李有福這陣子常去王守誠家嘮嗑,一是親近關系,二是打探情況。誰知道什么時候鬼子又來清鄉!村里輪換著執勤,主要是注意鬼子的動靜,只要鬼子出來就會敲鑼報警!這樣安穩的日子過到臘月時分,一連又下了幾場大雪,除了人走的路,到處都是積雪,不是有什么大事誰也不外出,整個貓冬。曉梅記得前世有地爐子,爐坑挖地下,煙道直接連炕,有煤燒煤,沒煤燒木柴。一般用小鍋炒菜煮粥就能在屋里解決,炕燒熱屋里也暖和。于是在曉梅連比劃再描述的李壽春最終盤好這個地爐,張氏更是歡喜,李有福李賀春看過后又做了些改動,最后李家個屋都盤上地爐,沒多久整個村子也流行開來。
年根時,村里開始有了緊張氣氛,大伙都知道這倆年鬼子最喜歡過年來清鄉,這樣平靜日子不會長久,要做最壞打算。李有福也把值錢的家物事偷放進空間,外面只放半月糧食。抽空又帶曉梅去了一趟鎮上,把空間里收獲的棉花全彈出來,又送了四桶魚十幾只兔子給高掌柜,問問鎮上情況。
臨到小年緊張氣氛更濃烈,李家眾人坐在一起商量后最終決定去先前堤壩那兒過年,既然胳膊擰不過大腿只能躲開。外面雪一直沒化過,河溝葦塘早就結冰,遠望一片蒼茫蕭瑟,前幾天李有福已經吩咐男人們去收拾了一下、準備好了后才叫家里人去,這次王守成家也跟過去,當然事先也搭好了窩棚。
除了他們三家村上人也都各自有各自的法兒,不走的也是時刻準備著,東西深埋藏好。
36.過年
一眾人走的很慢,推車挑擔的,背筐挎包的,前面有人開道,后面有人負責盡量清除痕跡,用積雪把腳印掩平,要是再來一場雪,痕跡幾乎消失。
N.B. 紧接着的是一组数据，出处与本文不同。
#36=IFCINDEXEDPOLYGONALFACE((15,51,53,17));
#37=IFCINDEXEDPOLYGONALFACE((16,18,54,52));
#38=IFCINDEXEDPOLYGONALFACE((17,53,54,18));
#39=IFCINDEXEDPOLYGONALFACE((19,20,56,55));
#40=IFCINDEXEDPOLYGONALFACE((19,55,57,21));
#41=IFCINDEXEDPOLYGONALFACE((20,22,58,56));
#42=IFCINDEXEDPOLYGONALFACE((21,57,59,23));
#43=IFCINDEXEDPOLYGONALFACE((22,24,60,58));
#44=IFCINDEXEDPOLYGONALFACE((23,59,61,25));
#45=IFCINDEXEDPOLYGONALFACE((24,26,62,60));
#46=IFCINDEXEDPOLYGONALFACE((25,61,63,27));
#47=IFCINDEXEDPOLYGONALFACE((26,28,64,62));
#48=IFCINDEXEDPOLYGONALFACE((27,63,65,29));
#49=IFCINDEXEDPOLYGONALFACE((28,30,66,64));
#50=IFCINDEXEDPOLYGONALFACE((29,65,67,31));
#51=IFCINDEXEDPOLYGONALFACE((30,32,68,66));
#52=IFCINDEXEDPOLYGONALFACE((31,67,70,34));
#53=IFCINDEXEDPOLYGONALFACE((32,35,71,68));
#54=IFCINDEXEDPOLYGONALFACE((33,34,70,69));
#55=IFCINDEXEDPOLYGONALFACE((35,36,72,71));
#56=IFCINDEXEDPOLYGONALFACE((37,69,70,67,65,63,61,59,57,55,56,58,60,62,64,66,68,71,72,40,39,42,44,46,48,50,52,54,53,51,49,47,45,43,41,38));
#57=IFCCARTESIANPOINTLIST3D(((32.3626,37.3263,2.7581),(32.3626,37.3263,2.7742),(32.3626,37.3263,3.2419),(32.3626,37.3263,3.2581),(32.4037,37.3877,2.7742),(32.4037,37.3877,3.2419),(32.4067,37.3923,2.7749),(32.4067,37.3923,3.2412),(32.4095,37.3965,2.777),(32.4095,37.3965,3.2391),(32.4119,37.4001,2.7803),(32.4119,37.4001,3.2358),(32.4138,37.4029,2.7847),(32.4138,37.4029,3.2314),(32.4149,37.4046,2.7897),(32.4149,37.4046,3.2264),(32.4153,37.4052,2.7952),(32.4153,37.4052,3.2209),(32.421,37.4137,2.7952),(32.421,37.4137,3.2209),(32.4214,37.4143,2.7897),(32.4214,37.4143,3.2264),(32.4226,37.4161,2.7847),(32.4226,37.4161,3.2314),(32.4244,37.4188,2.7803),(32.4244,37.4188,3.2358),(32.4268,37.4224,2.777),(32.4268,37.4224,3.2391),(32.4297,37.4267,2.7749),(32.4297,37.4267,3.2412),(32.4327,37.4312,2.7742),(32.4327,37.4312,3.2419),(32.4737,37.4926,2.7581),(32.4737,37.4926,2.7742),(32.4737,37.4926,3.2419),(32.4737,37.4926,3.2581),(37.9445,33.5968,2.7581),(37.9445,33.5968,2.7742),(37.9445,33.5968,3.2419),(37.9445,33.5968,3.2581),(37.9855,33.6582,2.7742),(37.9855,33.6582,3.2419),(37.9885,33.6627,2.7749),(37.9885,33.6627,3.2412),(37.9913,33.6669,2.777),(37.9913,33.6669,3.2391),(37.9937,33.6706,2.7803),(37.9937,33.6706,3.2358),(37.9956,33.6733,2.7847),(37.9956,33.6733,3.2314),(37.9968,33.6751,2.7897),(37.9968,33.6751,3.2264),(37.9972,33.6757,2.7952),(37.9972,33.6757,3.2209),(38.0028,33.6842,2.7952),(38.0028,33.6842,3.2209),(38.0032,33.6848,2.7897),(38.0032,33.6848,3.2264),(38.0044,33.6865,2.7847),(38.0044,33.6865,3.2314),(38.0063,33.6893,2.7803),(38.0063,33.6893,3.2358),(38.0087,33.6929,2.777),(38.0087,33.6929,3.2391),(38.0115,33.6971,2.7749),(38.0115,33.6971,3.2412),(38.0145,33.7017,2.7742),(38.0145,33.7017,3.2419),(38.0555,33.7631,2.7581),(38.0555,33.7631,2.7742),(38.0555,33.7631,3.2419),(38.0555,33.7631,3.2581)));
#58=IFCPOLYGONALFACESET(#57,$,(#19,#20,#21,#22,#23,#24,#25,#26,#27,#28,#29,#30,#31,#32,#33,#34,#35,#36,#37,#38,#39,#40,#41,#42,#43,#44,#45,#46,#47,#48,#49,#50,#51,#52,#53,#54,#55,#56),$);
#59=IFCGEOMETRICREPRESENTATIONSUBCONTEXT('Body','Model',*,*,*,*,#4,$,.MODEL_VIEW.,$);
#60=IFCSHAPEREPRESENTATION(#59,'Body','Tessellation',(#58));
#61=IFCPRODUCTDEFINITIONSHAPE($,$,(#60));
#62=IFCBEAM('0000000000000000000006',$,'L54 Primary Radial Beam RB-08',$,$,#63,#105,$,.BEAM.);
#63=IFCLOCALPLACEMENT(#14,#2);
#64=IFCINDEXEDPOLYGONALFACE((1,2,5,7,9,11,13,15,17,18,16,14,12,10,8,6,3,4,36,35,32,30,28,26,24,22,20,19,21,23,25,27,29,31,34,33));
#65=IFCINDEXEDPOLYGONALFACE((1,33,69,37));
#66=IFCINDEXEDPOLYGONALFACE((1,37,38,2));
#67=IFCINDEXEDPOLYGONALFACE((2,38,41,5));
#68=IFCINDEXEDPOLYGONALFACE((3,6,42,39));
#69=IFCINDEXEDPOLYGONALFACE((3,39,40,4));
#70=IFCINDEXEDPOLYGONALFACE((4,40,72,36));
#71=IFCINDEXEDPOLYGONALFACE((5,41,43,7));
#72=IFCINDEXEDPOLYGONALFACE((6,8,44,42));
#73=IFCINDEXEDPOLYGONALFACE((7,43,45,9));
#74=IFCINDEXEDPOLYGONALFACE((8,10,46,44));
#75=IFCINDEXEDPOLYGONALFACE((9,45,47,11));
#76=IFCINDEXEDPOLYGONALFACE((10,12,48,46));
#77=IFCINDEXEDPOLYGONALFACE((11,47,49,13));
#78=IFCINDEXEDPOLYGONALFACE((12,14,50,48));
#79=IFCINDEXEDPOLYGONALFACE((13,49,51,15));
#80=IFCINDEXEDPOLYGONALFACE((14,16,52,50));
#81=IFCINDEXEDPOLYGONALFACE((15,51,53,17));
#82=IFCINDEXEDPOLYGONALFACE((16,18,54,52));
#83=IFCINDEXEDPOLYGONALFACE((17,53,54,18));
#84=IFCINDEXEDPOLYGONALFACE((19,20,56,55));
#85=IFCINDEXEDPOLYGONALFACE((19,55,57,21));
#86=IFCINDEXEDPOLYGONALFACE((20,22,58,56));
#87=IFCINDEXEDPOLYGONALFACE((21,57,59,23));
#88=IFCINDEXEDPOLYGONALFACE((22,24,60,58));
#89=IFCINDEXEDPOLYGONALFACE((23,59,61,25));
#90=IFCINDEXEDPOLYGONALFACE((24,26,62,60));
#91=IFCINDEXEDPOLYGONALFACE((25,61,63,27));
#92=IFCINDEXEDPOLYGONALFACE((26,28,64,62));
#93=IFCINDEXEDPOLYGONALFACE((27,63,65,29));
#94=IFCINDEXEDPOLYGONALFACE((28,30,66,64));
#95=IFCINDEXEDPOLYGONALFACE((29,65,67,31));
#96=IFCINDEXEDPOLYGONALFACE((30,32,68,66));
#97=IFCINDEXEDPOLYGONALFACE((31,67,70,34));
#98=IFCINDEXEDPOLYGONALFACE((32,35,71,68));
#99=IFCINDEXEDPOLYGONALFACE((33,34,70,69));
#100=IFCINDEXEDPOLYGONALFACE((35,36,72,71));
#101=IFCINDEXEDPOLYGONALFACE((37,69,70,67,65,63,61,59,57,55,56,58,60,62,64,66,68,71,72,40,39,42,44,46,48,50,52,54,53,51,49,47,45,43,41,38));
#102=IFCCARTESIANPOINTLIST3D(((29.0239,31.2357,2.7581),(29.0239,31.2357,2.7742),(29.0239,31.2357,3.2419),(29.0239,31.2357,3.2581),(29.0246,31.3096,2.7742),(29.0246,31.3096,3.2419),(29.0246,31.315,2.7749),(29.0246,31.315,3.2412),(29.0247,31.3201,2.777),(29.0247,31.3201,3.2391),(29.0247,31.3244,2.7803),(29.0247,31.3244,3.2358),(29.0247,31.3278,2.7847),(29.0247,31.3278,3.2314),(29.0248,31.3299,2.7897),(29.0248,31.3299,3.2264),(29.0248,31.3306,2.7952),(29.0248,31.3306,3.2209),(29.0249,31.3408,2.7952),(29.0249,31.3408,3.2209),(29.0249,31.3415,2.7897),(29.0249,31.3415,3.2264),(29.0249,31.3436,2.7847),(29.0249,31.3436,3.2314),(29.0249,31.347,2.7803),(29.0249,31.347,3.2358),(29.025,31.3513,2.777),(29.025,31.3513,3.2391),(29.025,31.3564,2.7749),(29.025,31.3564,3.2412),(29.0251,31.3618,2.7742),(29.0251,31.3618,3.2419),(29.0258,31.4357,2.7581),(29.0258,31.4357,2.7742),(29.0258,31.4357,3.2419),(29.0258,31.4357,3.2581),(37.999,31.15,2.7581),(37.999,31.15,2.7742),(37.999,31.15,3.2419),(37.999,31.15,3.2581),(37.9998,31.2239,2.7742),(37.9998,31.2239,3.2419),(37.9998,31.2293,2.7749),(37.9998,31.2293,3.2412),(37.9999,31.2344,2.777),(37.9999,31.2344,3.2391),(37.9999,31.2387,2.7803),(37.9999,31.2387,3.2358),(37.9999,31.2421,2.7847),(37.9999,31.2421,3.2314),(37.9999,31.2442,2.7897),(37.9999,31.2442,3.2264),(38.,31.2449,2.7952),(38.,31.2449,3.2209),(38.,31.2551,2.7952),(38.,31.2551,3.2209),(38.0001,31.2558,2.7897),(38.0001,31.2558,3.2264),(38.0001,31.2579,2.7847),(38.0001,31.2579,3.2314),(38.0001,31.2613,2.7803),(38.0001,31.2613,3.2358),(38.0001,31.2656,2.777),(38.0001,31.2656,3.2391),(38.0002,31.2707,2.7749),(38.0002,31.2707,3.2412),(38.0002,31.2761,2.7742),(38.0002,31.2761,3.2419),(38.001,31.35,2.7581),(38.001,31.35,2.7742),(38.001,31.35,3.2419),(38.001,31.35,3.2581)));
不是他們想得多,而是不得不防,如果有人真的按照他們走的路線找去,那他們和沒搬家能差哪里去?日本人主要居住在唐山附近,他們主要目標是煤礦,清鄉一是為了掠奪財物糧食二是絞殺他們認為該消滅的人。鎮上附近駐扎的卻是國民黨軍隊,他們不敢惹日本人,卻對中國人耀武揚威,鬼子下來時每次也會跟著下來,而且人數占多數,純粹是給鬼子助威幫兇,整個助紂為虐,對百姓財物一點都不含糊,該搶的搶該拿的拿,也沒少幫鬼子殘害百姓。如果讓他們知道躲的地兒說不定會干出什么事來!
走了有大半天,眾人才來到堤壩附近,長長的堤壩兩邊積雪掩蓋了雜草灌木叢,只有一排排樹木在風中搖曳。堤壩斜坡積雪更深,如果不是前面有人開路,個小的根本過不去,曉梅有種鉆雪洞的感覺,兩邊的積雪早就高過她的頭,腳下踩著前面人踏實的雪地,一踩吱吱響。爬坡時如果不扶兩側的樹根本就上不去,腳下直打滑!大家也是連拖帶拽方爬上堤壩,等站上堤壩才知道什么叫高處不勝寒,一路走來身上冒的熱汗一下子被寒風吹得無影無蹤,眾人一陣打冷戰,“快下去吧,在這兒吹冷風干什么!”王守成見眾人還在堤壩上望風景連忙催促。
“就在這兒嗎?”王守成媳婦李氏問道, "在下面呢,趕緊著去里面收拾一下燒上火,熬點姜湯給大伙喝喝” 王守成見自家媳婦還在墨跡又催促道。
“這不第一次來覺得新鮮嘛,我們的窩棚在哪兒?”李氏問道, “ 我們的在這邊,那邊是李大哥家的,你們女人一個我們男人住一個”王守成把自己家指給媳婦看,窩棚也是半挖半蓋,現在積雪早就把漏出部分覆蓋上,人要進去還得下坡,到底下才能進去,下坡路已經清出來。王守成家有四個兒子,女兒們都出嫁,也是一大家子人。男人們早來過,把窩棚烘烤的差不多,也盤了簡易炕。女人們一陣好奇后也就投入到收拾忙碌中,拿來的東西要規置,炕先燒上,鍋灶刷新干凈,這不趕了大半天路人也要吃飯。